Morte au feuilleton à maintes reprises, la réforme du régime de protection de la propriété intellectuelle dans un contexte numérique refait surface. Le gouvernement Harper présenterait une nouvelle version de son projet de loi C-61 d'ici le mois de juin, révèle le professeur Michael Geist de l'Université d'Ottawa.
Spécialiste des questions de propriété intellectuelle, farouche opposant du projet de loi, Michael Geist est à l'origine de «Fair Copyright for Canada». Selon lui, cette loi représente «une réelle menace à la vitalité de l'environnement en ligne» et est axée sur les préoccupations de l'industrie américaine du divertissement et du logiciel et non sur les besoins des consommateurs canadiens.
Si elle est adoptée, la loi C-61 rendra illégal le fait de contourner le verrouillage numérique sur des pièces audio ou vidéo. Il deviendra donc répréhensible de partager et de télécharger du matériel en ligne. Les contrevenants pourraient être condamnés à une amende 500 dollars à verser aux détenteurs de droit. De plus, ce projet de loi obligerait les fournisseurs d'accès internet à jouer le rôle de gendarmes en tenant un registre des renseignements pertinents pour faciliter les poursuites.
Ottawa a tenu de vastes consultations publiques en 2009 afin de modeler son nouveau régime de protection de la propriété intellectuelle en tenant compte de l'opinion publique, mais a finalement décidé de s'aligner sur la position américaine, estime le professeur Geist sur son blogue. Pour lui, le gouvernement conservateur copie le régime américain de protection des droits d'auteur, le Digital Millenium Copyright Act (DMCA).

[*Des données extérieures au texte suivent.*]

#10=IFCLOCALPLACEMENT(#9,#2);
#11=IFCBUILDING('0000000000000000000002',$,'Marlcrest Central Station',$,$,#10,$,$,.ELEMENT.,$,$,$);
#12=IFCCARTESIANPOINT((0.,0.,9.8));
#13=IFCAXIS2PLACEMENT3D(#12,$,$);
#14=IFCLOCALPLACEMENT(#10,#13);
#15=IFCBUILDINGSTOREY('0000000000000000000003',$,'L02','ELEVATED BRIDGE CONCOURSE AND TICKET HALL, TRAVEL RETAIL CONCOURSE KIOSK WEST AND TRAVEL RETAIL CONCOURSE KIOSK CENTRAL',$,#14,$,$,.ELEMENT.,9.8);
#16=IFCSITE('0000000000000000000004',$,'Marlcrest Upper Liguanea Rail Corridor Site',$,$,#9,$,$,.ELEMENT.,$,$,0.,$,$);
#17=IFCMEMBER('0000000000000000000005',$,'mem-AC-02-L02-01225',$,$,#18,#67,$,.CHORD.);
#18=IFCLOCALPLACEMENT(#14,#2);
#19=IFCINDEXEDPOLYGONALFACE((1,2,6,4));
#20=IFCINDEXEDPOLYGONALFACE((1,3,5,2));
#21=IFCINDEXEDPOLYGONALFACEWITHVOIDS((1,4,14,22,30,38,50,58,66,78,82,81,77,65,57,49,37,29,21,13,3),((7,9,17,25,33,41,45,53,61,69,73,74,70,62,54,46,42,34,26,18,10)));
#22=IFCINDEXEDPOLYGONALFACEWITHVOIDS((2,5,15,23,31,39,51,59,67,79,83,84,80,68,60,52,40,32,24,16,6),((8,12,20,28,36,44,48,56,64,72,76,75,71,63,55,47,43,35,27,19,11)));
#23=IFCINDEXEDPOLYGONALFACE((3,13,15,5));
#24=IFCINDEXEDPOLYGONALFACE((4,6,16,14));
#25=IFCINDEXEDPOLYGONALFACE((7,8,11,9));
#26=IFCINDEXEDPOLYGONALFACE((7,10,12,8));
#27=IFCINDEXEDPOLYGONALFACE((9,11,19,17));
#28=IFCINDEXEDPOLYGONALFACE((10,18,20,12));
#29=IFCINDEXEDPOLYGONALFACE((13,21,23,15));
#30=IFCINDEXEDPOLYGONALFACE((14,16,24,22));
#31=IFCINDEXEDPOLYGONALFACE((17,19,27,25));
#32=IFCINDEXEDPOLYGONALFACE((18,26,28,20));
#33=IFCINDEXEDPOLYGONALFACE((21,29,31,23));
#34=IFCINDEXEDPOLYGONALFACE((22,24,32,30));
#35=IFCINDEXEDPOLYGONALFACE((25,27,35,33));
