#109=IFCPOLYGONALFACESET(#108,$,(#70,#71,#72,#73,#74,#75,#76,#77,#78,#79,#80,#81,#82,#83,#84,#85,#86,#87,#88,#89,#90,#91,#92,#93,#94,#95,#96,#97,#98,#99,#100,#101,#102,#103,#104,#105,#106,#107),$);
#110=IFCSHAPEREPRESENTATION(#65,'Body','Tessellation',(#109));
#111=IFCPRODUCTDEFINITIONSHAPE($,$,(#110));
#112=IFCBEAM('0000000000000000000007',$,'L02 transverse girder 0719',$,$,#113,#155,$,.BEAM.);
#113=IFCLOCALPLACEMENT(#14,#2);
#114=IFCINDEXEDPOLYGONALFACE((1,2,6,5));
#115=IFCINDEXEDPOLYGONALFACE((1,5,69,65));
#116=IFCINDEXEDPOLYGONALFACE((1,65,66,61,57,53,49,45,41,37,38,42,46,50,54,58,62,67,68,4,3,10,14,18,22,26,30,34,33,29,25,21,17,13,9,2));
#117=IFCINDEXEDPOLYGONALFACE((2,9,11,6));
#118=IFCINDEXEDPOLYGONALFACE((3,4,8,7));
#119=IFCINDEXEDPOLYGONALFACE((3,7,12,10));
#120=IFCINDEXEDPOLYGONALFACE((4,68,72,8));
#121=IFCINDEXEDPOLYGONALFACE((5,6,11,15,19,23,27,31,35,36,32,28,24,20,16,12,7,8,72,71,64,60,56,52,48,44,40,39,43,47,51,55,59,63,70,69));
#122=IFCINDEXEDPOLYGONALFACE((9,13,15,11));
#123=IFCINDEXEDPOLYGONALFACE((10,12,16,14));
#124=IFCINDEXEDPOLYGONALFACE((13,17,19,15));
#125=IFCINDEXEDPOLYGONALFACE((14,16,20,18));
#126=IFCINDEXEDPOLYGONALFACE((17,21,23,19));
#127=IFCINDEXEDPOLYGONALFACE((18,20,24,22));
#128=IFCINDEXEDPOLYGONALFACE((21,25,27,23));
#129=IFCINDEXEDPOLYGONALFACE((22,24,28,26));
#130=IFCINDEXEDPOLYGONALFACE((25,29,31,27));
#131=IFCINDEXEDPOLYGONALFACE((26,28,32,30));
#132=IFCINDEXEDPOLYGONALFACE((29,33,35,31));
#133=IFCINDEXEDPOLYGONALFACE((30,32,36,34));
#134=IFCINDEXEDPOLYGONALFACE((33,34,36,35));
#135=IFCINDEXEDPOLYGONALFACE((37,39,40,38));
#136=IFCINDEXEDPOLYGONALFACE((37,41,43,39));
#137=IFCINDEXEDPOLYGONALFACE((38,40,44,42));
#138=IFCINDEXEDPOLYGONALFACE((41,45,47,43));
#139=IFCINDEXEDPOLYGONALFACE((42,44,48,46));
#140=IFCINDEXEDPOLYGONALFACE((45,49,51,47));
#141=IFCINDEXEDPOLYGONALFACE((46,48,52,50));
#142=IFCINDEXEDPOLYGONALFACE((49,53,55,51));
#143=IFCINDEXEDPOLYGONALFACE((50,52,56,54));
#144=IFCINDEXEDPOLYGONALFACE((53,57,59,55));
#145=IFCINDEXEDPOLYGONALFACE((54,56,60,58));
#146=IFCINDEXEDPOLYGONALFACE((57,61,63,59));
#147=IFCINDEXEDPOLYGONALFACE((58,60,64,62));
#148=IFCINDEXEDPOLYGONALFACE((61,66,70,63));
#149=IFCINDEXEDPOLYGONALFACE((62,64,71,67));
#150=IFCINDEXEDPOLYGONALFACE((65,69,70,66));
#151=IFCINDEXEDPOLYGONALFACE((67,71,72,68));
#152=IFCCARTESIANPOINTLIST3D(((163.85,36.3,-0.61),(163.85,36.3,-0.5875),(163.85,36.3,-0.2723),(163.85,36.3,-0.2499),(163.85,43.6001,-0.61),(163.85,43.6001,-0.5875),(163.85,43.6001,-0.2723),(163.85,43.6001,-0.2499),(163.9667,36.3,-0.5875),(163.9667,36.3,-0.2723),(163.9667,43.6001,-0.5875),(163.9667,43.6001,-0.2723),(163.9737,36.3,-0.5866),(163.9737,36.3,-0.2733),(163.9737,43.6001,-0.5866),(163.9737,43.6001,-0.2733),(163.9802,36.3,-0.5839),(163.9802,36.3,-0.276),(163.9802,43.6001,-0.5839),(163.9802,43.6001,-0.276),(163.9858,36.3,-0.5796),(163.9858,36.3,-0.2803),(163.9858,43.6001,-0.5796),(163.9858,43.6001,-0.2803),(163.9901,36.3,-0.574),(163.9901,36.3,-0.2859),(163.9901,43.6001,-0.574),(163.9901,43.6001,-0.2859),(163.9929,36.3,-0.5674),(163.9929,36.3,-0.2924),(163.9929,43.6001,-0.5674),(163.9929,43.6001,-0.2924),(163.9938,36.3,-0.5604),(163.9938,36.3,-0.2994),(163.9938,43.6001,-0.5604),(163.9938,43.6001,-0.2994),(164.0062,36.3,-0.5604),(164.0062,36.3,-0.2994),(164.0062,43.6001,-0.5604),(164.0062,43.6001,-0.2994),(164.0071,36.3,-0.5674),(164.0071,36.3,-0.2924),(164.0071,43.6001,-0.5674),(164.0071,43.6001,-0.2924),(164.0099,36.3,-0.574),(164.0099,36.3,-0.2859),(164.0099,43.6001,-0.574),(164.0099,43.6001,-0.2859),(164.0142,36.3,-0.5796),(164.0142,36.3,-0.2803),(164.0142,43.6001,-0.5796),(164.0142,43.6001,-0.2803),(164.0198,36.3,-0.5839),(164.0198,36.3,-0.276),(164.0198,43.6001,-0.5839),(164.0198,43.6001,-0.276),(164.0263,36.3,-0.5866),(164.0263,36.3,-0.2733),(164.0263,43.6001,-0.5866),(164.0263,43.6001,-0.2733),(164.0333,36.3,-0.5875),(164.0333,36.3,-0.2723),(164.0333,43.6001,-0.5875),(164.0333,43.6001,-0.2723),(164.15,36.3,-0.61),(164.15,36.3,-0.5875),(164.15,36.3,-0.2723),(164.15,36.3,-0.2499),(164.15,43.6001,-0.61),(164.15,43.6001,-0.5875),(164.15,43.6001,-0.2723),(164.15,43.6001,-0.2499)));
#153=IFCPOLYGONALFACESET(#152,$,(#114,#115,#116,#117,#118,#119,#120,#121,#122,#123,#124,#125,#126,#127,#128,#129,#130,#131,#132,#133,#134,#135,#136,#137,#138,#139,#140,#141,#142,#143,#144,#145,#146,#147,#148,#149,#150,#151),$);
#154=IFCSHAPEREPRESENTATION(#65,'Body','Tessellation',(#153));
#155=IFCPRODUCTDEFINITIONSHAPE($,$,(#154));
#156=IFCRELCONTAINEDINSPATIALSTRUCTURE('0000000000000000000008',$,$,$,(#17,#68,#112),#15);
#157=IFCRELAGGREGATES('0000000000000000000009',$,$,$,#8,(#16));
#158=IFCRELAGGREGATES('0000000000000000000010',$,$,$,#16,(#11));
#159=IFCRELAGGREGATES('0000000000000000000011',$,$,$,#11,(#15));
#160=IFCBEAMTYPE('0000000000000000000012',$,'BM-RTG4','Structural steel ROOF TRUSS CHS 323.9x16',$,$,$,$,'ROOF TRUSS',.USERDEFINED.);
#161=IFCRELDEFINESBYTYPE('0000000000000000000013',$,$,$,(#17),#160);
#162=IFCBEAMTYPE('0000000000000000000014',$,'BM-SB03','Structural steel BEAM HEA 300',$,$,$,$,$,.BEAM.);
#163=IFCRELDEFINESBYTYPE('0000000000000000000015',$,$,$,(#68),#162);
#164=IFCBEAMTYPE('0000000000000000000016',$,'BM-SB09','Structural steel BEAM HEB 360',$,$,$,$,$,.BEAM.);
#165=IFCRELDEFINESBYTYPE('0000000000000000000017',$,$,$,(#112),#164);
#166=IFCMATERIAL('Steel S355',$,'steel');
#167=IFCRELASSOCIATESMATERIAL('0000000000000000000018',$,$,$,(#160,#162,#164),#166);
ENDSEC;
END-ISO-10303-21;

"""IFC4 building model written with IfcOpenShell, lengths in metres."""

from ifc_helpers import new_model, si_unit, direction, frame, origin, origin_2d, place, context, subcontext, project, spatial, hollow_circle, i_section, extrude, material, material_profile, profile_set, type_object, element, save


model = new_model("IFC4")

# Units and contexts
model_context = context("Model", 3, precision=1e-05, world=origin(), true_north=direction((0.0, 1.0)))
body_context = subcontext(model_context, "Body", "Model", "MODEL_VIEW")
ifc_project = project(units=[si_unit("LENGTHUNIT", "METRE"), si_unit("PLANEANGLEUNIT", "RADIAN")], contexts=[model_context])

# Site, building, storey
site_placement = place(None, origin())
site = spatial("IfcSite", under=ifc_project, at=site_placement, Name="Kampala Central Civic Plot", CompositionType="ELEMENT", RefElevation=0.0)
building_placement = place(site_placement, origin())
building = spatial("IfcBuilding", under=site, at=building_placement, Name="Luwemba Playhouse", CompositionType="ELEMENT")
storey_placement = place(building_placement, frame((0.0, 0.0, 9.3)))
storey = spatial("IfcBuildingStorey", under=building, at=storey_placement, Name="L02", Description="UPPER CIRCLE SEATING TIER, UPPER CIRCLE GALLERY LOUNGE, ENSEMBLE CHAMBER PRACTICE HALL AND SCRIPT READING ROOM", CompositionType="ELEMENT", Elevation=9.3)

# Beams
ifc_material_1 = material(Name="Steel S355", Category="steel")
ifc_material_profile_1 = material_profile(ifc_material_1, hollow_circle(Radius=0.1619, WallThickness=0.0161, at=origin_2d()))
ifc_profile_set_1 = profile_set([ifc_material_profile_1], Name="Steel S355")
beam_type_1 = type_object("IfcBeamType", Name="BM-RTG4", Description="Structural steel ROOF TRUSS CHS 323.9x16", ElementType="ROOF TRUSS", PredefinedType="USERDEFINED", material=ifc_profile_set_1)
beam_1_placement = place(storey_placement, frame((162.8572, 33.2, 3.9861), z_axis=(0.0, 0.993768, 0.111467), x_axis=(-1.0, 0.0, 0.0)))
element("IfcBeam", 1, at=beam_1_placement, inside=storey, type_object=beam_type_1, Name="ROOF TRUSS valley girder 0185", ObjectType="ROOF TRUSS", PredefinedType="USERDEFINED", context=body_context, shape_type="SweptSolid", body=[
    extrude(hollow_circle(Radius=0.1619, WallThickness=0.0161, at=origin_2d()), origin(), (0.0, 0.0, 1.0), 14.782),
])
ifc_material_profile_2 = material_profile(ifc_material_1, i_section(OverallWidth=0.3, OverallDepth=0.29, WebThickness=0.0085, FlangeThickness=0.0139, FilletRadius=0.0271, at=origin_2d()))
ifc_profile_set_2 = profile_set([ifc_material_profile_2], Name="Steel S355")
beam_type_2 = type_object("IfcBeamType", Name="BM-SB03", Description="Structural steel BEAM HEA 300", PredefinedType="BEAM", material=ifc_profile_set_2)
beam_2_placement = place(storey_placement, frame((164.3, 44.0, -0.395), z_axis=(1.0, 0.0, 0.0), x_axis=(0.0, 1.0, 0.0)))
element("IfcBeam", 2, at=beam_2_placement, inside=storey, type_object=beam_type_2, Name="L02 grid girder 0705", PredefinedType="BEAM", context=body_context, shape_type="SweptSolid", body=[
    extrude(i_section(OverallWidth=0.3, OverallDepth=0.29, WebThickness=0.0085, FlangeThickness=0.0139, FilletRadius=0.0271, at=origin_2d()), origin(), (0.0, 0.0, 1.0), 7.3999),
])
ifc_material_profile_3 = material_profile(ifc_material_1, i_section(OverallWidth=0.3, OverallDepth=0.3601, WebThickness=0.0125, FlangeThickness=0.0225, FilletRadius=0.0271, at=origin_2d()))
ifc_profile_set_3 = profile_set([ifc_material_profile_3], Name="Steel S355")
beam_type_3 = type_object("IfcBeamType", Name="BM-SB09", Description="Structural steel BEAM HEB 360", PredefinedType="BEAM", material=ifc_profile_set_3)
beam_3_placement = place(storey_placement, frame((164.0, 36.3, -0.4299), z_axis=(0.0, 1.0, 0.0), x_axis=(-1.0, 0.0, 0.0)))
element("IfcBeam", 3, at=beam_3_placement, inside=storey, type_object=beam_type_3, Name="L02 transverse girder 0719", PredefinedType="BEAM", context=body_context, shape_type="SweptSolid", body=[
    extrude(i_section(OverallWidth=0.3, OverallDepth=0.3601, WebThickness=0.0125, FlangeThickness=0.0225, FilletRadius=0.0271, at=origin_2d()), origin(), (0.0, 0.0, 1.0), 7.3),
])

Du côté gouvernemental, on est plutôt d'avis que cette réforme du régime canadien vieux de 11 ans contribuera à diminuer piratage électronique au pays, un phénomène jugé très élevé par le Bureau du représentant américain au Commerce (USTR). Celui-ci considère que le régime de protection de la propriété intellectuelle au Canada favorise le piratage. De fait, il juge le territoire canadien «à risque élevé pour les entreprises américaines», au même titre que la Chine et la Russie.